Many dollars for treatment, not a penny for prevention. That is, unless it is a shot to prevent the flu. (As an aside I am all in favor of flu shots, so do not misunderstand my point.)

OK, I am calming down now and realize some of my remarks are obscure and, you will have guessed, I have much more to say. For now all I hope to achieve is to help you untangle the two functions: 

  1. Health Insurance is not healthcare; it is a sand-poundingly simple thing. It is a financial instrument to amortize healthcare expenditures, and it is a pernicious perversion of its purpose to be the surreptitious instrument of virtually fascist control of healthcare delivery. 
  2. Healthcare is, or should be, the highly principled, very professional delivery of every and anything within the bounds of science, technology, morality and competence that extends and enables a good and healthy life. 

To Good Health. L’chaim,

Dr. Mike

 

I called spoke with Dr. Mike after I got the letter, challenging the idea that cost should be less relevant. He made several interesting points. In enough volume, most things become very cheap. The newer CT (“cat”) scanning machines are a good example. The latest, with great resolution and very low radiation exposure cost between half a million and a million. Such a machine would save lives, yet there is only one such machine in all the bay area—one per 6 million people. Why? Primarily because insurance does not pay for preventive scans.

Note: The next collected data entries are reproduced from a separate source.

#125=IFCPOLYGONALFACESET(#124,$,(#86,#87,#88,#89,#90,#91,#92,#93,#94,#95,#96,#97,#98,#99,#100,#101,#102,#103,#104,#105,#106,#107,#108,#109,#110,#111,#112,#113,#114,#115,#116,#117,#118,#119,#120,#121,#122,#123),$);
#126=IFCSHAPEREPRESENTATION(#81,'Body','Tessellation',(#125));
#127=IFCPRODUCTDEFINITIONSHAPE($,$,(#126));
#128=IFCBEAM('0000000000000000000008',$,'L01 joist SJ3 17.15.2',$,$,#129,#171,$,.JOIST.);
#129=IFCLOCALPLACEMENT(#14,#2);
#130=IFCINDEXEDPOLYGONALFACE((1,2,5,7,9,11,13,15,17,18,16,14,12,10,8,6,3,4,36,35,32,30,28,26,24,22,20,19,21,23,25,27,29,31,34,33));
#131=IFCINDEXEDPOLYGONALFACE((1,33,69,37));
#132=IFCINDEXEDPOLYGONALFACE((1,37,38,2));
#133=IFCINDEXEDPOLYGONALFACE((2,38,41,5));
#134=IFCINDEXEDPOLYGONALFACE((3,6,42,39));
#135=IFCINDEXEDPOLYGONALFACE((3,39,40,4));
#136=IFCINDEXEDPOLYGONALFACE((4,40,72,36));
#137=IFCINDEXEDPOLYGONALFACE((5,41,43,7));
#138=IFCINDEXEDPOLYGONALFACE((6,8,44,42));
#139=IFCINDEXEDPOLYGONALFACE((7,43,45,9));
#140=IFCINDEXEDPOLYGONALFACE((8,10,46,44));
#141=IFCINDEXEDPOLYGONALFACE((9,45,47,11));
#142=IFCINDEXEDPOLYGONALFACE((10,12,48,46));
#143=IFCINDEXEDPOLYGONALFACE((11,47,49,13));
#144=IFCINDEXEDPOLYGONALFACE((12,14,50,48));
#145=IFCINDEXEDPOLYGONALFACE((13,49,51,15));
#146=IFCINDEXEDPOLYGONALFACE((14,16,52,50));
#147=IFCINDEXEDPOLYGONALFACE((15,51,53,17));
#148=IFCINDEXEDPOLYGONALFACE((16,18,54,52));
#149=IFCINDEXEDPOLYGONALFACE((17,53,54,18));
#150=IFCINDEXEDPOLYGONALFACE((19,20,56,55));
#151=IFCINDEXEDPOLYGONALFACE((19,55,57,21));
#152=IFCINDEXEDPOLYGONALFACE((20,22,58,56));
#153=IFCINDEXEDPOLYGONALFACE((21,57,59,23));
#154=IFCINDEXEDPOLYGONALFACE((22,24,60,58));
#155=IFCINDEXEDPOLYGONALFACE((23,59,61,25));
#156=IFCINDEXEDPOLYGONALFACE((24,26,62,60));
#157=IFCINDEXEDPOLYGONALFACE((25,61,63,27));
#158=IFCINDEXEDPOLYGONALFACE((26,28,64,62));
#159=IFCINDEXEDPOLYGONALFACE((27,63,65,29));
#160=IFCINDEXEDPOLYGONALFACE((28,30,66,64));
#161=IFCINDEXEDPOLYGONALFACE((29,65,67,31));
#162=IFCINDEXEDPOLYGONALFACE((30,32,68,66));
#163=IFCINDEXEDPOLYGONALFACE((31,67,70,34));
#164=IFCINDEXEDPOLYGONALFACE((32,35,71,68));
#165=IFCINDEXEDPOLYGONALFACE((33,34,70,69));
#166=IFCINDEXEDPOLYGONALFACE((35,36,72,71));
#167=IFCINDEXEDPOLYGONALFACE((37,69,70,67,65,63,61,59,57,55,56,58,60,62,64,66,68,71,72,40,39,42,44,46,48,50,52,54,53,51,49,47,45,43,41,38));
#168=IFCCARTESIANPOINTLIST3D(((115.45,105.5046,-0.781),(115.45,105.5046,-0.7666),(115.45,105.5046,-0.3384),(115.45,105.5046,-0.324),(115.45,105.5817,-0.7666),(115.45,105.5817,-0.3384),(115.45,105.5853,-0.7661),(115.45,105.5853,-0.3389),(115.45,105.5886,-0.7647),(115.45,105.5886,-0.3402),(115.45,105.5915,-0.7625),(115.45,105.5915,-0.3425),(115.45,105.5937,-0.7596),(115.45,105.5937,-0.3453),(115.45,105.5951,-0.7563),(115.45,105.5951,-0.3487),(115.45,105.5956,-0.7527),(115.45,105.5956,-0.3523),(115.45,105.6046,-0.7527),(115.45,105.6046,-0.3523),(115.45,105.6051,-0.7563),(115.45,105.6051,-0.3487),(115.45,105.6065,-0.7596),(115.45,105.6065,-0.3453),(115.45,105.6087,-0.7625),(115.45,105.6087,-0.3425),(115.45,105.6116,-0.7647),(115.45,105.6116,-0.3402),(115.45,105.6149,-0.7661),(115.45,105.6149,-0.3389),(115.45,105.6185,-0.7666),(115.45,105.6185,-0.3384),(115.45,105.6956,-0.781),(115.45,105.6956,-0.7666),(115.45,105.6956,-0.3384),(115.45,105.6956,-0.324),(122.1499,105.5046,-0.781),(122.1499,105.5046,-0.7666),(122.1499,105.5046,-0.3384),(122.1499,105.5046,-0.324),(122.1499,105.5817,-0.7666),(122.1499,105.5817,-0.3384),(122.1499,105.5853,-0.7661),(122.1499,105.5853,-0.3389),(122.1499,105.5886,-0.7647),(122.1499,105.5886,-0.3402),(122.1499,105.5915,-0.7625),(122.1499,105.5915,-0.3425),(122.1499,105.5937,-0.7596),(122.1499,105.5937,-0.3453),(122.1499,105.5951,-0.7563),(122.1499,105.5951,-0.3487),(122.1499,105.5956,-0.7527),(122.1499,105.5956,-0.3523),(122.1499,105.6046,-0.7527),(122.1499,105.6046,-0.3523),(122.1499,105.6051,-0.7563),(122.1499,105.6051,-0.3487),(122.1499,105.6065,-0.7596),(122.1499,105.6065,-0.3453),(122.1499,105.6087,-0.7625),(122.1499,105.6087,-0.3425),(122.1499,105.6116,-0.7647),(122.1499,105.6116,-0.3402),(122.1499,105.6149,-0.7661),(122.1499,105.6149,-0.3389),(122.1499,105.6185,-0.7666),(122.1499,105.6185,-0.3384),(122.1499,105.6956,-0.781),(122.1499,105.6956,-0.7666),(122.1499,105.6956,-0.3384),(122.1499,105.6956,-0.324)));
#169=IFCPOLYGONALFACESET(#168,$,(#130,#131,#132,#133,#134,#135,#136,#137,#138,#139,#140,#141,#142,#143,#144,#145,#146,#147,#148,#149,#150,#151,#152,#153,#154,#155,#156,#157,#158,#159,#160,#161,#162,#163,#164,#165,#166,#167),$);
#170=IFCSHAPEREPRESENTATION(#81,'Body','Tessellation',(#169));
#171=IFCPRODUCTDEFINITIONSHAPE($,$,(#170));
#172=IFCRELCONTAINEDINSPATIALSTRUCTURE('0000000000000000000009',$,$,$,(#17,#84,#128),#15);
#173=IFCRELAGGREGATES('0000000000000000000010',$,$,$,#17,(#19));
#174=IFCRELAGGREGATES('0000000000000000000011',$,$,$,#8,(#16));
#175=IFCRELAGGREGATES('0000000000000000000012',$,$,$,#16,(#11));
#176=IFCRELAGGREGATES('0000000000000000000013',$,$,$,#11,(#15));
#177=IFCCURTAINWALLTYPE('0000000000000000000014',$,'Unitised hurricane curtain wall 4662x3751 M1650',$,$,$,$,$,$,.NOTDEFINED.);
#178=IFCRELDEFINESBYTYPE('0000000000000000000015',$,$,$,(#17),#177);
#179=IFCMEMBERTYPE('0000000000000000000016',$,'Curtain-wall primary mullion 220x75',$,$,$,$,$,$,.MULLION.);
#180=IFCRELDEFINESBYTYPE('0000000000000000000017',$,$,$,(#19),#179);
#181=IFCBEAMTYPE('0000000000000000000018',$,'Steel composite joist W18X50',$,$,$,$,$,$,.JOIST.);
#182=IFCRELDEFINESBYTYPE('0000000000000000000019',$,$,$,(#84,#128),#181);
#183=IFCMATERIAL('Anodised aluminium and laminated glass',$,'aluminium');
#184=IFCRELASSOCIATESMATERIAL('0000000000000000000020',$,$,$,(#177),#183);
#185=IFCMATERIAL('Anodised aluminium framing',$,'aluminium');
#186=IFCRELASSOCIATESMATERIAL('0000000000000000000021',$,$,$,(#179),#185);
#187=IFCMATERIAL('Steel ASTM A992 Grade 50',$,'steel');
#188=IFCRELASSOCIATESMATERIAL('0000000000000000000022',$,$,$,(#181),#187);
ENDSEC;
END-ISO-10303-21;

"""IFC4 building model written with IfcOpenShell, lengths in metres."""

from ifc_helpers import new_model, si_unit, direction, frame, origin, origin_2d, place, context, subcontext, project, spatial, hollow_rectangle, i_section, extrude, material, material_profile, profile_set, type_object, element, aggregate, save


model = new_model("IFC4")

This is tragic. Such scans can catch many cancers early, when they are still conquerable, and can detect numerous other life-threatening problems. Why not have a scan every year or so. The radiation hazard is low, especially for those over 65. Now suppose every blood draw lab had such a machine. This would mean a couple of hundred in the bay area instead one a single machine. Production at such volume would probably cut the cost 10-fold or more. Due to volume alone, the total cost would be less, and a lot of lives would be saved. Yet we do not do this. What if every doctor’s office had one? These machines are vastly less complex than, say, a Toyota Yaris.

And, of course, prevention is always cheaper than treatment. But prevention seems to be the black sheep of the medical industry, with little done beyond the usual homilies like, “eat right and exercise.”

 

  2 comments for “Why Does Health Insurance Dictate Medical Care?

  1. Jim
    October 27, 2017 at 7:25 am

    Loved reading this post. It is sad that the insurance conglomerates (and politicians) have captured and perverted healthcare to such an extent. It’s even sadder that many do not understand the concept / reason behind the use of the dollars they send to insurance conglomerates. Prevention mind-set is sorely lacking. In NY, I can’t get decent / more definitive blood testing on my own volition – and the difficulty in finding a physician willing to understand why I would want to is equally sad. Truly ridiculous. The systems are set up to be contradictory to the real purpose – pursuit of health.

  2. Ann
    February 21, 2018 at 8:26 am

    I agree with Jim’s comment. I had a policy with one insurance provider, then changed jobs and now have another. The old company covered all of the blood tests every 3 months. First time out, the new company refuses to pay for testing iron, ferritin, insulin, hemoglobin and homocystine calling this lab work “experimental or investigational.” I suspect they will refuse the rest of the items in the QM list once they are repeated. Apparently you have to be well-diseased before insurance covers “preventive” testing.